私のお気に入りで、グレースケールの着彩に一番活用している調整レイヤーです。主にベースやパーツごとの着彩に使用しています。

 

明暗のレベルに応じて色を適用させることができるため、例えば、光の色を黄色味がかった色、影を青みがかった色にすることを、このレイヤーひとつで指定できるわけです。

 

グラデーションマップレイヤーの一番の利点は、パーツごとの色相の均一化を、手間なく防げることです。適用させたい部分だけ、レイヤーマスクを使用して指定していきます。

レンズフィルター

レンズフィルター

写真のレンズフィルターのように、自然に色味を変えることができるレイヤーです。

着彩の際に強く出てしまいがちな環境光に対する補色の彩度を押さえたり、微妙な色相の調整に使用したりします。
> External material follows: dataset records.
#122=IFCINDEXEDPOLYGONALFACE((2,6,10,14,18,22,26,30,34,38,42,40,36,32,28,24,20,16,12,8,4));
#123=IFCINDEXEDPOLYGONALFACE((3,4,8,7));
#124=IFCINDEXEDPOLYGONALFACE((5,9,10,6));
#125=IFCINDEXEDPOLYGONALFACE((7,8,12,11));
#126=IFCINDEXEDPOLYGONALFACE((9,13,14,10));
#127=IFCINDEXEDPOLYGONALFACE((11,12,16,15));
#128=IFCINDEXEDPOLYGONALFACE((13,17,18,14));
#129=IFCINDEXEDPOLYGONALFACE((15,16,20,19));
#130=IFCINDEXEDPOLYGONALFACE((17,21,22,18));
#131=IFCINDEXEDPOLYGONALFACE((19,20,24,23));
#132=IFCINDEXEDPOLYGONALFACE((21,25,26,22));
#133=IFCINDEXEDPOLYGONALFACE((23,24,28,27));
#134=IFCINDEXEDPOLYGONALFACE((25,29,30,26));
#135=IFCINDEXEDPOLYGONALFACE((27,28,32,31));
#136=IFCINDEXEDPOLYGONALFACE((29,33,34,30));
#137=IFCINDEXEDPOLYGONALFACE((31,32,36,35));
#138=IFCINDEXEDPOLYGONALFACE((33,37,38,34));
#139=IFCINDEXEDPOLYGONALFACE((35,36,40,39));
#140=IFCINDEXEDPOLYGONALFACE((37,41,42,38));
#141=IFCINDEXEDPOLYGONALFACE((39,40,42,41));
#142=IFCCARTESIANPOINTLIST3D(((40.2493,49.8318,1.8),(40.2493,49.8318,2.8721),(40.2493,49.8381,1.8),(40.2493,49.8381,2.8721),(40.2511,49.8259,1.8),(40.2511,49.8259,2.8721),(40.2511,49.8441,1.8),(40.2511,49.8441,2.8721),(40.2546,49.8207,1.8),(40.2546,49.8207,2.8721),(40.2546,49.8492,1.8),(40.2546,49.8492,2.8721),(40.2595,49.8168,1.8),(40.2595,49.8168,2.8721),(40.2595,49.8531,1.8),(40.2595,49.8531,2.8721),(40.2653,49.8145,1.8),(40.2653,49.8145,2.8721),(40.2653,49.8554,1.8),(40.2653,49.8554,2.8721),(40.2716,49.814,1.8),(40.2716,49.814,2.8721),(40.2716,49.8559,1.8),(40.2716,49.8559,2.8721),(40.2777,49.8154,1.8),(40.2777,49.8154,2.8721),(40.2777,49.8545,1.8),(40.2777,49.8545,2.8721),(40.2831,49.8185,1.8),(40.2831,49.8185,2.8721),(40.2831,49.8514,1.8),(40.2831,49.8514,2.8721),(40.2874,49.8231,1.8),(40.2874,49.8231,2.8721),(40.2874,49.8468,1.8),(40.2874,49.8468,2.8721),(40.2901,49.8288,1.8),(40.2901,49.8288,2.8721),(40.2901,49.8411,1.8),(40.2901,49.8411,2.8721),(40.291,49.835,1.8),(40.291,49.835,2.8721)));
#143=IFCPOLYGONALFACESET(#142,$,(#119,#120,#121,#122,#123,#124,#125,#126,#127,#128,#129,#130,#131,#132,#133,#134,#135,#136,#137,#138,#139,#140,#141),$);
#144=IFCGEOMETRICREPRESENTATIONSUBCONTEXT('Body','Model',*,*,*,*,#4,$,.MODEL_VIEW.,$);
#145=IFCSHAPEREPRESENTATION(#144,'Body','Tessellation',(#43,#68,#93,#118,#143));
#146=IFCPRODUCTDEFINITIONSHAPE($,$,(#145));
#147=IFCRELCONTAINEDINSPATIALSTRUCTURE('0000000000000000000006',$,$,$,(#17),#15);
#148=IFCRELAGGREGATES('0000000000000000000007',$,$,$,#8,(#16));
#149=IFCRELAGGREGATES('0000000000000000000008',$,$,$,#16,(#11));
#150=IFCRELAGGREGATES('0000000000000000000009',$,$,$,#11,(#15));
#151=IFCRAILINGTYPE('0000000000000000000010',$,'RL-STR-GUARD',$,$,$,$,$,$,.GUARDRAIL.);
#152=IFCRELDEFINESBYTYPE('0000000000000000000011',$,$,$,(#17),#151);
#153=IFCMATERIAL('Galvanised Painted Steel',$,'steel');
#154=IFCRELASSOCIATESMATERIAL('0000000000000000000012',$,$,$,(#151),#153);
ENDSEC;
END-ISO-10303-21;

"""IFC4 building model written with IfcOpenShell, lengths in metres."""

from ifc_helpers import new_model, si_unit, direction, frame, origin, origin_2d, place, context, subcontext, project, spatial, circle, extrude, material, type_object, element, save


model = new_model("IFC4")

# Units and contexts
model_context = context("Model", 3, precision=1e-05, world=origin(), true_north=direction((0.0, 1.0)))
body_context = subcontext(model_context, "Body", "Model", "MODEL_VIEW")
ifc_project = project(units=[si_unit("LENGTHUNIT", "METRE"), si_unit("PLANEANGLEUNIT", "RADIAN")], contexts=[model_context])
場合によっては、彩度が低いパーツの着彩に使用することがあります。 

カラーバランス

カラーバランス

色幅を増やしたり、全体に統一感を出したりするために使用する調整レイヤーです。

 

明色、中間色、暗色と分けて色が調整できるため、光源の色、環境の色などを考慮しながら調整できるので、最後の色味の調整によく使います。

トーンカーブ

トーンカーブ

カラーバランスと同じように、色幅を増やしたり、全体に統一感を出すために使用する調整レイヤーですが、カラーバランスと違い、カーブを編集すると明度や彩度が変わるので、オーバーレイと同じように色と明暗の階調を同時に変化させたいときに使います。

オーバーレイ

オーバーレイ

多くの人がグリザイユの着彩に使用しているオーバーレイは、色と色の重なりで、思わぬ効果が得られるため、使って楽しいレイヤー描写モードです。

 

色と明暗の階調を同時に変化させたいときに重宝しますが、使いすぎると彩度が高くなりすぎたり、明暗のバランスが壊れたりするので、私は明度の調整のみに使うようにしています。 

カラー

カラー

細かなパーツの着彩や、細かな色の変化をつけるときに使用します。一番の強みは、明暗の情報を壊すことなく色を乗せることができることです。

 

グラデーションマップレイヤーをはじめとする調整レイヤー描画モードもカラーにすることで、階調を変化させることなく色味だけを適用させることができます。

ユーコ・ラビット式 厚塗りの着彩方法

厚塗りの着彩方法

まずは、なるべくグラデーションマップとレンズフィルター、カラーレイヤーを使って基本的な着彩をし、光や影を足したくなったときは、オーバーレイを使用します。

 

全体的な色味を統一するため、カラーバランスやトーンカーブの調整レイヤーを最後に用い、光と影の色味をそろえます。

 

塗りのときに気をつけたいのは、キャラクターと背景を同化させないことです。ラフの時点では明暗を分けましたが、この段階では、背景とキャラクターを同じ色相で固めすぎないように注意することです。最初は人魚の鱗の色を青色にしたかったのですが、これだと背景と同化してしまうため、背景とは違う赤色を選びました。

不要なタッチや色ムラをなじませる

大まかな色が決まったら、ぼかしツールや混色ブラシを使用して、色ムラや、タッチをなめらかにしたい部分をなじませる作業をします。

 

オプションバーの「全レイヤーを対象」を選択して新規レイヤーにて作業をしても間違いではありませんが、Cmd(Ctrl)+alt+Shift+E で背景を含む全てを統合したレイヤーのコピーを作り、「全レイヤーを対象」をオフにして作業する方が、Photoshopの動作が遅くなりにくくておすすめです。

馴染ませ

今回は、ベースとなる色を決めました。次回は、これを元にブラシなどで上から形を整え、質感や立体感を加えていく作業を行い、描き込んでいきます。

厚塗り 着彩編のまとめ

ユーコ・ラビットさんの厚塗り講座着彩編はいかがでしたでしょうか。

厚塗りは人それぞれに違ったやり方もありますが、レイヤー描画モードを上手に活用して塗っていきます。効果を使いすぎてしまうと、明暗の階調や色彩バランスが崩れてしまうので気をつけて、効果的に使いましょう。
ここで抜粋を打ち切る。